Bonds Benefitting Argentina
World Economy

Bonds Benefitting Argentina

In raising $16.5 billion in the largest emerging markets bond ever, Argentina finally ended its long-running legal battle with creditors and sloughed off its status as market pariah.
With its first bond deal in 15 years, Argentina raised enough to pay the approximately $9.3 billion owed to holdout investors and still had plenty of funds to spare, CNBC reported.
The sovereign can now stay out of the international markets for the rest of this year and fully fund the targeted 2016 deficit of 4.8% of GDP.
Secretary of Finance Luis Caputo told the International Financing Review that the country would be able to do so through local markets, new multilateral lending and in a “diminishing degree” through central bank financing.
“We will be very active in managing our liabilities, trying to achieve the most cost savings,” Caputo said, stressing that the development of local markets will be a priority.

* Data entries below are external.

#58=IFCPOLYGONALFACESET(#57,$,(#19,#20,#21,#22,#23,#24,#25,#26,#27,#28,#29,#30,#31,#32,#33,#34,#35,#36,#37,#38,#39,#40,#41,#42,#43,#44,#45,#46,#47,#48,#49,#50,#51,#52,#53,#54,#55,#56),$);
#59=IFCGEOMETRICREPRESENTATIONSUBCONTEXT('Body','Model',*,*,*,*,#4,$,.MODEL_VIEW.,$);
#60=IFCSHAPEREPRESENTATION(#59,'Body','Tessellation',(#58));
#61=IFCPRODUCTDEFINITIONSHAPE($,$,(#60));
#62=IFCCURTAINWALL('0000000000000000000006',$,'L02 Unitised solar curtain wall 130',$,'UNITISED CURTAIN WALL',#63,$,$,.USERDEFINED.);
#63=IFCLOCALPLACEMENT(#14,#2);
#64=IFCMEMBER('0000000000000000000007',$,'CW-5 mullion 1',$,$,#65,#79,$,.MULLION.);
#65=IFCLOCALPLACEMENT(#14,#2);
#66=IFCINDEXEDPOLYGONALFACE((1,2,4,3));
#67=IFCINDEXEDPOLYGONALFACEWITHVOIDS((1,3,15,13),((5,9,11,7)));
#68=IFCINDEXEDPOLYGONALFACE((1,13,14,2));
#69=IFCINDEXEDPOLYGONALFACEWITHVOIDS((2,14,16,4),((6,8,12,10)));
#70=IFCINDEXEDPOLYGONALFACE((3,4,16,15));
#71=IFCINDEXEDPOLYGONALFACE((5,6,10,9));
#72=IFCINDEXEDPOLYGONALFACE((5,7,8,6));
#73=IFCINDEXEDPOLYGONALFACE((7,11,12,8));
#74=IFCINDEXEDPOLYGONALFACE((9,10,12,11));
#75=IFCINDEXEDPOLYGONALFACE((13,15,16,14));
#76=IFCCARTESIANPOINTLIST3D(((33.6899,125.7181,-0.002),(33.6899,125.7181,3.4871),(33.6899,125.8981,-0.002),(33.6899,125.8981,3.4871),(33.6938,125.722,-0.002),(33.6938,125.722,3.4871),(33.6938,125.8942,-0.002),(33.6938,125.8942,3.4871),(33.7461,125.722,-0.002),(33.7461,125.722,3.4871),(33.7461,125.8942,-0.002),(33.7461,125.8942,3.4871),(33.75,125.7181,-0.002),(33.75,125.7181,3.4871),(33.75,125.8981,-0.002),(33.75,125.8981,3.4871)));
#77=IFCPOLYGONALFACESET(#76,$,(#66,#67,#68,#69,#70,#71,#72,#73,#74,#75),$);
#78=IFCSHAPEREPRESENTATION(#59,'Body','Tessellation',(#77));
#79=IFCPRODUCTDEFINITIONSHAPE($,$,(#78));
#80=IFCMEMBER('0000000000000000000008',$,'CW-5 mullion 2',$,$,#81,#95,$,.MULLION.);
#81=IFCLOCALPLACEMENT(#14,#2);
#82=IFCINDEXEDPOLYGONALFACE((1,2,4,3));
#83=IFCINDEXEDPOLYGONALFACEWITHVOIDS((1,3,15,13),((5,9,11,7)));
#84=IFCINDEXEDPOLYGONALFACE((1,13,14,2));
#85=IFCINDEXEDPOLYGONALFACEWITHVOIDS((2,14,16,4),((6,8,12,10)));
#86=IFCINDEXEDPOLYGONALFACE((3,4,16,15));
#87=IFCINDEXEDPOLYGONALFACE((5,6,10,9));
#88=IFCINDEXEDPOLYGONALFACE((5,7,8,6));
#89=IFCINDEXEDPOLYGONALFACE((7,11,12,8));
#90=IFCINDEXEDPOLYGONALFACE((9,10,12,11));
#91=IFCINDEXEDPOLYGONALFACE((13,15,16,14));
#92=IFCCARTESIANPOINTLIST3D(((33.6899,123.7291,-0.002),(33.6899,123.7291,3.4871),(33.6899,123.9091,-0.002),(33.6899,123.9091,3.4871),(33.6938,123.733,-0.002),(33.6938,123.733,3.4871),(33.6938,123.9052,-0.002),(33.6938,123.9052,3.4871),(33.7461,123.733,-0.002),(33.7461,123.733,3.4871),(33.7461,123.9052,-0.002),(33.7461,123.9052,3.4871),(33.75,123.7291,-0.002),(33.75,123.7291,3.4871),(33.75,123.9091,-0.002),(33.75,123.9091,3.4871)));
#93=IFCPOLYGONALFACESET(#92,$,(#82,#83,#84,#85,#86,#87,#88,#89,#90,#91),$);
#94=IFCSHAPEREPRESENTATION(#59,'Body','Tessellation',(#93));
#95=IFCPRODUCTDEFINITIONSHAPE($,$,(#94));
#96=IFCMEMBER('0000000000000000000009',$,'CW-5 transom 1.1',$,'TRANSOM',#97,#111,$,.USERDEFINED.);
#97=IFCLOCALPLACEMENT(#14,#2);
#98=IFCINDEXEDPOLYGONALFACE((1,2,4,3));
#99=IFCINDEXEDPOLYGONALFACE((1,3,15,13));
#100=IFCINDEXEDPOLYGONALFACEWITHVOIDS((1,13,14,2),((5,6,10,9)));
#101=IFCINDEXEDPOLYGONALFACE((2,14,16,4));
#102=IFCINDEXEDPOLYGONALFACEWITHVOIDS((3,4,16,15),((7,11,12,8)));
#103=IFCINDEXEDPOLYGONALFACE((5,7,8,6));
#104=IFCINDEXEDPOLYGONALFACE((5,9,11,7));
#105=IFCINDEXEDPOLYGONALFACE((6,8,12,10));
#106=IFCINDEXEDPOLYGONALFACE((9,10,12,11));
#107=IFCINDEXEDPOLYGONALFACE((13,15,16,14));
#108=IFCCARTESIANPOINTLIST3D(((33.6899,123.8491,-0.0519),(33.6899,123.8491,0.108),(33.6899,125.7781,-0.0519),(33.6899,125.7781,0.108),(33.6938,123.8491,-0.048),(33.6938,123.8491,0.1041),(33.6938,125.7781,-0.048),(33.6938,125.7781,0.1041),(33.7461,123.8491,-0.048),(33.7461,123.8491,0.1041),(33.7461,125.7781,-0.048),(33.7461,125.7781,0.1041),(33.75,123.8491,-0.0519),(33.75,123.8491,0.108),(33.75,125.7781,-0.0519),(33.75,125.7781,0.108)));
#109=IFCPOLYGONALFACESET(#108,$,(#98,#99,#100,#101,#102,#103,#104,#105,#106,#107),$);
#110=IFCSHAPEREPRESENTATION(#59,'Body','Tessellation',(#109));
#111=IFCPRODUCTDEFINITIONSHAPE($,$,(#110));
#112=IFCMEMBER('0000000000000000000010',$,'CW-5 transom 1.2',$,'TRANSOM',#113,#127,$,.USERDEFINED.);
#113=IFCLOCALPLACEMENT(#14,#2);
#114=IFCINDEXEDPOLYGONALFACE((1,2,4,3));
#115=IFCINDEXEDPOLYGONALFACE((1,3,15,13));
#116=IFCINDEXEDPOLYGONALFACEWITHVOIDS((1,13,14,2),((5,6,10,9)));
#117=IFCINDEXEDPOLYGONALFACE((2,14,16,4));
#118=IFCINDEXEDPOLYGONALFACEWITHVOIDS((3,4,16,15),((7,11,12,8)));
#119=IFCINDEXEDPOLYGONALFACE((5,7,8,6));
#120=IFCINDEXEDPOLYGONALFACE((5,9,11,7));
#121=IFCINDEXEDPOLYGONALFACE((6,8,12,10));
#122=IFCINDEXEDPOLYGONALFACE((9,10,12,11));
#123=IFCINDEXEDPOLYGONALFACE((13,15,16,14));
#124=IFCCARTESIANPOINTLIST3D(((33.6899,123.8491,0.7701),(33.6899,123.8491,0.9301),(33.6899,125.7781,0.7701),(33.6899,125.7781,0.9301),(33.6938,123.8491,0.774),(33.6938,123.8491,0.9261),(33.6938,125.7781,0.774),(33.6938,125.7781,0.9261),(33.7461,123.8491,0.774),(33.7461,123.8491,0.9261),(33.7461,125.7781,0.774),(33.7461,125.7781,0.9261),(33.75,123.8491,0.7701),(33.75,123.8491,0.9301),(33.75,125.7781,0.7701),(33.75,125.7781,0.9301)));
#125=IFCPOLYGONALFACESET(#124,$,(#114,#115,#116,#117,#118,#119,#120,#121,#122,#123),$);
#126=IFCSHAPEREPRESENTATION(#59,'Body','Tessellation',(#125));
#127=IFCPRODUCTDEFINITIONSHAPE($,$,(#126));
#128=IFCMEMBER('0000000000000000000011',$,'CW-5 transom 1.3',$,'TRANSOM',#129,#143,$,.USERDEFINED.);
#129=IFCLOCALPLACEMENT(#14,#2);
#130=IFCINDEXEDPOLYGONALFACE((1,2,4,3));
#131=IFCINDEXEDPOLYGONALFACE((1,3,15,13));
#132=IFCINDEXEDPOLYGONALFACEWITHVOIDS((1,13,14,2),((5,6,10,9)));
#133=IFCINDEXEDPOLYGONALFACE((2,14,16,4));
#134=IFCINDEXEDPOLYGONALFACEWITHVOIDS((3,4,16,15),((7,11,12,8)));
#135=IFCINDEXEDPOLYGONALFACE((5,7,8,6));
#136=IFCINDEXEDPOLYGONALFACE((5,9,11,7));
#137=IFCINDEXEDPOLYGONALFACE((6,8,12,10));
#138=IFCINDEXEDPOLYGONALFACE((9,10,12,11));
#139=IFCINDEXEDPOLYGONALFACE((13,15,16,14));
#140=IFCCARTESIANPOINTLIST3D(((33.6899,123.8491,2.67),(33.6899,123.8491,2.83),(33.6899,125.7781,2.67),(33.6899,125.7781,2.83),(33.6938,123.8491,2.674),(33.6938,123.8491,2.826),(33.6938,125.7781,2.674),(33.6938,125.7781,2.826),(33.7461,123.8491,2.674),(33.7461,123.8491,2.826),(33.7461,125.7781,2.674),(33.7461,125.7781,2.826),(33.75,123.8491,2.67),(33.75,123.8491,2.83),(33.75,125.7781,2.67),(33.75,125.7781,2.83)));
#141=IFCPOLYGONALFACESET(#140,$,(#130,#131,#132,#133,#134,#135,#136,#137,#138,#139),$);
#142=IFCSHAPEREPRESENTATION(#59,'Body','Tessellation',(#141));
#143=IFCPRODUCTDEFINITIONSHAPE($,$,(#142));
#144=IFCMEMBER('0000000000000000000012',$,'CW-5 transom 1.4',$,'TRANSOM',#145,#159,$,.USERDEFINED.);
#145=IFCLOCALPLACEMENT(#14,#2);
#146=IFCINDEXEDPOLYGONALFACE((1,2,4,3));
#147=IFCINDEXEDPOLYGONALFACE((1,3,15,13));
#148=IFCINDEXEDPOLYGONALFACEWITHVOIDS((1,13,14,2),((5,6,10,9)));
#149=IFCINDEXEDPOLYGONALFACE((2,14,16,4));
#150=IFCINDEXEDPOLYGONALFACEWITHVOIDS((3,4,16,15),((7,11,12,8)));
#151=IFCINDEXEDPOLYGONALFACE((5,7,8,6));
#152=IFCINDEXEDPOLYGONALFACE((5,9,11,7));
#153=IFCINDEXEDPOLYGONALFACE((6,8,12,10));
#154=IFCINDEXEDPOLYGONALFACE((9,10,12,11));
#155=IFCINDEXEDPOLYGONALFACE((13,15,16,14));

But he declined to rule out another tap this year to pre-fund the country’s budget in 2017, when the government hopes to cut the deficit to 3.3% of GDP.
“If down the road we notice through reverse enquiry that investors’ demand remains high, and the price is right, we would pre-fund,” he said.
With $69 billion in demand, Argentina was able to win the tug of war with investors, many of whom said they would never buy into a 10-year from the sovereign with less than an 8% handle.
On the day, however, leads tightened talk on the 10-year, the centerpiece of the deal, by 50bp before pricing it at par to yield 7.50%.
Deutsche Bank, HSBC, JP Morgan and Santander were global coordinators, with BBVA, Citigroup and UBS as joint books.